My local case is that ATT is building out their core base stations along the suburban roadsides, with a three foot orange tube every few hundred feet. Once they officially launch, they'll add the connection stations inside the specific development. Sprint and T-Mobike already have most of their 5G system in place and are waiting on consumer hardware to come down in price. It'll be a year or so before they start selling consumer internet but Liberty is already doubling speeds for "some reason".
In dense city centers, the wireless carriers are installing their stations (which are very small boxes) by negotiating with the municipalities to attach tbe boxes to light poles and trafic signals.
In less denser exurbs, they use proprietary wire to link the stations to their network.
None of it is cheap. It is costing the carriers billions and it is why T-Mobile bought Sprint (they already owned oodles of tbe best spectrum). They aren't spending this for smoke and mirrors marketing (though there is plenty of this in some areas).
They're doing it to take market share away from the cablecos and take advantage of the cordcutting boom.
Free market economics.
Cablecos have been abusing customers for decades and gatekeeping content providers.
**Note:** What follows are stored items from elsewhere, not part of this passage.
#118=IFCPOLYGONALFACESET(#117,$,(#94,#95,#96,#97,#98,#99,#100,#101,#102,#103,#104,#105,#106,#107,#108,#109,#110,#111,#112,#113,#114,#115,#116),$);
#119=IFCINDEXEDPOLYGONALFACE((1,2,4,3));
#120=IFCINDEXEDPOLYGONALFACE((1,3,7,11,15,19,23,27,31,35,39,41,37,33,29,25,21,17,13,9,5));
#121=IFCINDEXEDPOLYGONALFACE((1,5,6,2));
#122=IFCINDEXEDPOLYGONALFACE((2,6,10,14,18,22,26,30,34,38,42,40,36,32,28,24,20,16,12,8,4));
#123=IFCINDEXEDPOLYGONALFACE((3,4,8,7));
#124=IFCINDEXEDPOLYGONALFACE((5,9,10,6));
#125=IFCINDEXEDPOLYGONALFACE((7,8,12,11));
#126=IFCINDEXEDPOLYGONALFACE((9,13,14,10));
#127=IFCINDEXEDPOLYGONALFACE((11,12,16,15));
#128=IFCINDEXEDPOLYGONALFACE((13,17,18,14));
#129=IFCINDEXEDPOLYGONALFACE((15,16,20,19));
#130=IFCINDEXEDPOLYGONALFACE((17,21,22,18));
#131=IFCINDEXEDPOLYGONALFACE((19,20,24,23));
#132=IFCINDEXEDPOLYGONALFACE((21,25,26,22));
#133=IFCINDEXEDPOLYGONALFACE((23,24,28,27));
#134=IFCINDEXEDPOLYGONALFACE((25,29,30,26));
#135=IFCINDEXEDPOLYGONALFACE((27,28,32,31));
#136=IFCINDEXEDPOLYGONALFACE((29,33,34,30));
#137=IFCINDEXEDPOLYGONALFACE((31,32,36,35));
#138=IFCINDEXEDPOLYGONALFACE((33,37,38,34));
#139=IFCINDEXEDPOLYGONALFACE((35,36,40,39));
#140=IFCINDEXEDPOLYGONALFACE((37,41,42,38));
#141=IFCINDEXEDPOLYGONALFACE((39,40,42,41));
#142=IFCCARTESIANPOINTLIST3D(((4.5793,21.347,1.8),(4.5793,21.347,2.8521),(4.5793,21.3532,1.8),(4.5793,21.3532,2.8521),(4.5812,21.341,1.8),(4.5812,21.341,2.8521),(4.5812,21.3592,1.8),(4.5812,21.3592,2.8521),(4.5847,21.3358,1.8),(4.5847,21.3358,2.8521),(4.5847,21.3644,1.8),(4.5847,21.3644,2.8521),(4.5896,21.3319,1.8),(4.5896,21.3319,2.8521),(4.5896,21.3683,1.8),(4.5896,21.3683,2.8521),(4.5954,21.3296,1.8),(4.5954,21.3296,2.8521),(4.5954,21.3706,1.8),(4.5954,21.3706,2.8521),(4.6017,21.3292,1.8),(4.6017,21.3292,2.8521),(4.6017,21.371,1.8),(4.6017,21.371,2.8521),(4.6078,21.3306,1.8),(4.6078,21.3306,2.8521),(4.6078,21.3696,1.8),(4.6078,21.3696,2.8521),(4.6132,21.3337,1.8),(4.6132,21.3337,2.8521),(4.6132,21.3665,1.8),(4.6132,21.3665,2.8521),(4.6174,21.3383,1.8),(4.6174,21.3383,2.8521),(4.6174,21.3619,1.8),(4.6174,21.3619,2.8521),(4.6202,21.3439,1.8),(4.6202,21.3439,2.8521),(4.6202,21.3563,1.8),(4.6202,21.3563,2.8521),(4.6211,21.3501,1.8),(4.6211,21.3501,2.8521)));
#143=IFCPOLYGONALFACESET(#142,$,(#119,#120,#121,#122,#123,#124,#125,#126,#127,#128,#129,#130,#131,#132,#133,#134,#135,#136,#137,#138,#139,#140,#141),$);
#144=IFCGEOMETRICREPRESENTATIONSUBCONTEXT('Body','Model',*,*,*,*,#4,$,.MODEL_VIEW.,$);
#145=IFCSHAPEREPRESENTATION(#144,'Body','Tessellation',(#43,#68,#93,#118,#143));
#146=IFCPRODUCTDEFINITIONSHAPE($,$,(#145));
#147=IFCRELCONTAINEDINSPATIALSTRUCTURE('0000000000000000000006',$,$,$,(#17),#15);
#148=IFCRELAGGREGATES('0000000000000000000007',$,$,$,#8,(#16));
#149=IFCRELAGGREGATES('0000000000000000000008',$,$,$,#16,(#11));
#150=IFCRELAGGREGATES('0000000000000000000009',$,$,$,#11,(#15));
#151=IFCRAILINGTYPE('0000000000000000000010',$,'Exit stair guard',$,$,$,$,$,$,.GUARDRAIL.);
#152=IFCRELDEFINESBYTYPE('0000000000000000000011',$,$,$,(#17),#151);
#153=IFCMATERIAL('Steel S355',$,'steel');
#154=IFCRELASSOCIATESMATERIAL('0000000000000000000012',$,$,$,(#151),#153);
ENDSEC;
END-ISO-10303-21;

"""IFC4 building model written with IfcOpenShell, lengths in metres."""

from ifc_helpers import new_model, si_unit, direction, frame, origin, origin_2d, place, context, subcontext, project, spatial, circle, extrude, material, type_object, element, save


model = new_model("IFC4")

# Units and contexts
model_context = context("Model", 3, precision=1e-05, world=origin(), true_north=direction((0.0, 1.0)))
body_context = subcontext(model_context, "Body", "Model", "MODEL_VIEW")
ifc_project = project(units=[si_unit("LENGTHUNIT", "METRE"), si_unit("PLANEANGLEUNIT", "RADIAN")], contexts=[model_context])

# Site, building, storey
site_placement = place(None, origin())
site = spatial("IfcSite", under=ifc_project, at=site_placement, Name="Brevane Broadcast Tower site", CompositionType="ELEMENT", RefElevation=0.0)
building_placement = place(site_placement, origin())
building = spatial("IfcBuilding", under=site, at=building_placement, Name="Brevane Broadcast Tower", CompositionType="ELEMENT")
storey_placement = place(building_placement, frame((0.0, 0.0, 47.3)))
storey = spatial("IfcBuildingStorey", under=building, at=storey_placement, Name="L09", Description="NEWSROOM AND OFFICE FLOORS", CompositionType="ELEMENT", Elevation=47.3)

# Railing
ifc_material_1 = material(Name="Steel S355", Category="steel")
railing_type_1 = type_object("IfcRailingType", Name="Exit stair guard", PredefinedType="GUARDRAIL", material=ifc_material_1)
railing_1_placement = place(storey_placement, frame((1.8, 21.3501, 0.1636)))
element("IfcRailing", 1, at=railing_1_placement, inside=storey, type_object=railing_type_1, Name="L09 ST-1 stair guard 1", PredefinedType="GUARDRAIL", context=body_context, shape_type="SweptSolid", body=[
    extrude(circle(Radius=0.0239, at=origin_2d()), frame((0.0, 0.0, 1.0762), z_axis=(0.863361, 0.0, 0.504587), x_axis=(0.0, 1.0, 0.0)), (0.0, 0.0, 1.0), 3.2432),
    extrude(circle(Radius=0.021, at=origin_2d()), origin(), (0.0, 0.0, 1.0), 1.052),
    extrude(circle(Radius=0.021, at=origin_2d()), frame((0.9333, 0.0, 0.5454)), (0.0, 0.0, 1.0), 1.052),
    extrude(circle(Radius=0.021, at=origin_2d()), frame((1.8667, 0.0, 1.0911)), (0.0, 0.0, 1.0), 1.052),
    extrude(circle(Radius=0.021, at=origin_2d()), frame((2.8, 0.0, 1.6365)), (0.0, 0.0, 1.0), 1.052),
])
They've raked in hundreds of billions over those decades.
But they've also made themselves thoroughly detested.
https://www.forbes.com/sites/blakemo.../#7367a43690b5
The pay TV business has been in decline for over five years and the move to higher broadband prices has made them the target of new technologies:
https://www.cnbc.com/2019/03/03/cabl...one-shows.html
Bottom line is the world of 2020 isn't the world of 2019/
There are at least five major technologies (cordcutting, 5G, reusable space launch systems, LEO SAT communications, superbatteries, and electric cars) maturing at the same time and are collectively disrupting a lot of major business.
ViacomCBS isn't alone in getting caught with their pants down.